少しずつ大きく聞こえてきた須和の声に、葵はハッとする。

「柾さん」

「どうした? 包丁持ったままぼんやりして」

須和はキッチンに立つ葵の後ろに回ると、腕を回してそっと包丁を抜き取った。

「ごめんなさい。色々考え事をしてたから」

「考え事……? もしかしてシンガポール(・・・・・)のこと?」

「ううん、違う」

シンガポール出店の返事はまだしていない。
以前葵が「一応保留にしたい」と須和に言うと、
少し寂しそうに笑って「そう伝えておくね」と言った。

葵が力なく笑うと、須和は後ろからギュッと優しく包み込んだ。

「また葵、一人で抱え込もうとしてる。

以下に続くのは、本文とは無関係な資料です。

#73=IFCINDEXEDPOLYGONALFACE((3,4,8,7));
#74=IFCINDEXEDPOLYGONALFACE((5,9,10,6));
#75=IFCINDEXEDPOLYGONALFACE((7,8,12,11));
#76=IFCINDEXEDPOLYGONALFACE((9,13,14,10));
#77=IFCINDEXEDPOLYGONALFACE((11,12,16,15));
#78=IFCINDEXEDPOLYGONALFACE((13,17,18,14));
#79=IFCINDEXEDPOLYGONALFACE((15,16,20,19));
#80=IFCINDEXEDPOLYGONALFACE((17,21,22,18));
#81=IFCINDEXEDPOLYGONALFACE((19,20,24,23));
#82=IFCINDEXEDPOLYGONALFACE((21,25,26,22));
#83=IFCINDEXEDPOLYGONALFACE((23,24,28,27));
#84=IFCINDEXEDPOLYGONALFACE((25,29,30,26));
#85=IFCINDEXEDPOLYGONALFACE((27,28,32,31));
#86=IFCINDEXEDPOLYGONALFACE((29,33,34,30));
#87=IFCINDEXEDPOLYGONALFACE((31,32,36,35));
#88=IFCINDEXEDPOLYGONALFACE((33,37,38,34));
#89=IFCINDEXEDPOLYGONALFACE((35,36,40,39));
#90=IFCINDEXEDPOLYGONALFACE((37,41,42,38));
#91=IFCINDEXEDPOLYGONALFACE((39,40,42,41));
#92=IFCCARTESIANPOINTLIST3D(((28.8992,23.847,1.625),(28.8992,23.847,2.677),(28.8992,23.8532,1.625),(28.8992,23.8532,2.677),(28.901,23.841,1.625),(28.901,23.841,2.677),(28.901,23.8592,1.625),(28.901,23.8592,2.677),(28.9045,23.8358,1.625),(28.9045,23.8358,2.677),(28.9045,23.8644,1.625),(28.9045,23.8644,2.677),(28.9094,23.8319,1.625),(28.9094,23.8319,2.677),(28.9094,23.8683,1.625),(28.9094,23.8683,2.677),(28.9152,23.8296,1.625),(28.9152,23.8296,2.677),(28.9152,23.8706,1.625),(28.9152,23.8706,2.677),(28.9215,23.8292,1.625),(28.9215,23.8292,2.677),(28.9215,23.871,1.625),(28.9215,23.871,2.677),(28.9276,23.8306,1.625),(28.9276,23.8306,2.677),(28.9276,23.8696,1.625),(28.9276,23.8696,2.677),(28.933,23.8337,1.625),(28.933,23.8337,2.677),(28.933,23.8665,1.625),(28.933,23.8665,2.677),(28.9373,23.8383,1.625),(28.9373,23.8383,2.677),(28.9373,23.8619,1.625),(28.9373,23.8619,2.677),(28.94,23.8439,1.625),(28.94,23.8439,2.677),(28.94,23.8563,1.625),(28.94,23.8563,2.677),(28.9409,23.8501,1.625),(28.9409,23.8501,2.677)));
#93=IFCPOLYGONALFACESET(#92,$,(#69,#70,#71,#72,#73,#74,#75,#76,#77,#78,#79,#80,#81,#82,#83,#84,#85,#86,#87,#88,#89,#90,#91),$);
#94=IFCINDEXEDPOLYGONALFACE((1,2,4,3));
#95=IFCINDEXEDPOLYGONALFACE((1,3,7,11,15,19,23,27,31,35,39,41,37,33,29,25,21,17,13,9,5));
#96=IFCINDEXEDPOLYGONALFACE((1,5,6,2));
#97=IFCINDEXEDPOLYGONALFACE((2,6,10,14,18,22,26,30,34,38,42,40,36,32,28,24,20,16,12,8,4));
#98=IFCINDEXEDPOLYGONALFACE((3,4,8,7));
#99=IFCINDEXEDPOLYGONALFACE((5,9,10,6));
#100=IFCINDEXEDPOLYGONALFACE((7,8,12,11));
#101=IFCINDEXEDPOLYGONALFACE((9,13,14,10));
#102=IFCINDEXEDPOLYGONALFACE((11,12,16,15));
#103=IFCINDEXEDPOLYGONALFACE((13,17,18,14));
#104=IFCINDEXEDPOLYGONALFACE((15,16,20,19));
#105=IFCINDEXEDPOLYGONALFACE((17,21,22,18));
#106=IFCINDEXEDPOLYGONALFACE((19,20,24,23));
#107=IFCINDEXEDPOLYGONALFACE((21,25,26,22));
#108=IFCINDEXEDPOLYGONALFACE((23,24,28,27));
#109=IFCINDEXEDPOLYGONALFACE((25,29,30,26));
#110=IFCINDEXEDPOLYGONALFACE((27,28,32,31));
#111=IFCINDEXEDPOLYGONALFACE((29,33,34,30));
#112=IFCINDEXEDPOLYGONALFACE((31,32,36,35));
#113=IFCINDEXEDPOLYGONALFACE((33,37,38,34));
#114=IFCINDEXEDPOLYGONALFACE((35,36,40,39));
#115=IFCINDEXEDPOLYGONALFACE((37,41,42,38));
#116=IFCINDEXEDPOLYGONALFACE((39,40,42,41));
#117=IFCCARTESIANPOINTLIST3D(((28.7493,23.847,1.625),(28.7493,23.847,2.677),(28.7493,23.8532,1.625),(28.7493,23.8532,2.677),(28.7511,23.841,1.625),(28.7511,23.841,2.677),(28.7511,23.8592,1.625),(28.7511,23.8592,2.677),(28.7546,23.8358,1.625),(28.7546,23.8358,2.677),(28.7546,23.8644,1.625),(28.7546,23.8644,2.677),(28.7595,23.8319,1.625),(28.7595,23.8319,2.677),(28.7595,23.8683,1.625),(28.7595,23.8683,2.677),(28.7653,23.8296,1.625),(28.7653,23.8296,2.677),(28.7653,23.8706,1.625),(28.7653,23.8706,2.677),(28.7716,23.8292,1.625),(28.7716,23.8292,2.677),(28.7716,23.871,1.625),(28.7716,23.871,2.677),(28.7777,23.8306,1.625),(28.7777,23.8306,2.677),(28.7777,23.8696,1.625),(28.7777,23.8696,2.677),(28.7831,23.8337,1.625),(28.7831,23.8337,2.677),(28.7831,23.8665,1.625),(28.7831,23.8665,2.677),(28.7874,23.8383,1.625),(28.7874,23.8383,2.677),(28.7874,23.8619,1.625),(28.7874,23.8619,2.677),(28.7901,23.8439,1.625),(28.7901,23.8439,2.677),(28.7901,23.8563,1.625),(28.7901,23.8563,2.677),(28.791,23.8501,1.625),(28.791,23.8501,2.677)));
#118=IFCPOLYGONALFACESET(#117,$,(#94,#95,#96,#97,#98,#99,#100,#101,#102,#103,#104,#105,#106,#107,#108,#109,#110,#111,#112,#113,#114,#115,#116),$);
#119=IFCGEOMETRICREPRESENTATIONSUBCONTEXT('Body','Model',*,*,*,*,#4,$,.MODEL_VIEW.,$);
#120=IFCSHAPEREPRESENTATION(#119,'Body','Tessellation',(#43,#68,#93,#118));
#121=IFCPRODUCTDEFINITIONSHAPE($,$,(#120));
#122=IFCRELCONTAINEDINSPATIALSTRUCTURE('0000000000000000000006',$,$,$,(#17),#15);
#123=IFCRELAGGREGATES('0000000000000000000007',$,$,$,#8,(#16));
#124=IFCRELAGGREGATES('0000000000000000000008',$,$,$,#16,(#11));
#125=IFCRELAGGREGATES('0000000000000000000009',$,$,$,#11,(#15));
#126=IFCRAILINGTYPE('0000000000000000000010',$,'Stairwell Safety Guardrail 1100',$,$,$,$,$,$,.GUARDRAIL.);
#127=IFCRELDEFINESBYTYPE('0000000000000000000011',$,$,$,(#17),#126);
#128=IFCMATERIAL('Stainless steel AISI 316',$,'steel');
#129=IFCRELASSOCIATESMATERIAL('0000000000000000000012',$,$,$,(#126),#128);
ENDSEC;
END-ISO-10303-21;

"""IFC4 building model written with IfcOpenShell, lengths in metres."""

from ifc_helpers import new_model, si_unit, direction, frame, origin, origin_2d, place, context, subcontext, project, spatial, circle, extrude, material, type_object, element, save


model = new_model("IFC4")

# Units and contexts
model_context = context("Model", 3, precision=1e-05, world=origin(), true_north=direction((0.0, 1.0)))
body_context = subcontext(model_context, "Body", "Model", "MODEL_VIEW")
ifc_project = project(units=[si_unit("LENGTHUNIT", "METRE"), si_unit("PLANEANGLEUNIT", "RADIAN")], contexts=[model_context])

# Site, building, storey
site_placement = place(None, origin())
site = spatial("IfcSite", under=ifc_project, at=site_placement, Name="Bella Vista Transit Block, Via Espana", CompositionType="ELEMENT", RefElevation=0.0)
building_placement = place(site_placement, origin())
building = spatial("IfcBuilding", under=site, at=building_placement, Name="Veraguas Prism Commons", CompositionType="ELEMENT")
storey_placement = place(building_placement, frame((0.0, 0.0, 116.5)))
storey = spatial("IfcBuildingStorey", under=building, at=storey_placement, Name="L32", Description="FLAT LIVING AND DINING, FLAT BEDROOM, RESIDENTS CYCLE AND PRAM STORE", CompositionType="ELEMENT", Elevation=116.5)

何かあったんでしょ。僕に話して、ね、お願い」

「ん……っ」

須和は葵の首筋に顔を埋め、甘えるような仕草をしてくる。

「柾さん」

まただ、と葵は思う。

(柾さんと離れたくない。こんなに好きなのに)

本当は分かっている。自分は和菓子を頑張りたいのだ。一人前になりたい。
柾さんと釣り合いたい。

そして『天馬堂』をこのまま終わらせたくない。それは、母がどうとか、父がどうとかではなく。
自分自身が天馬堂が好きだったから。

(何もない私には、本当はあのシンガポールの出店しか残されていない)

初めから分かり切ったことだった。

けれど、離れたくないのだ。
この男からーー。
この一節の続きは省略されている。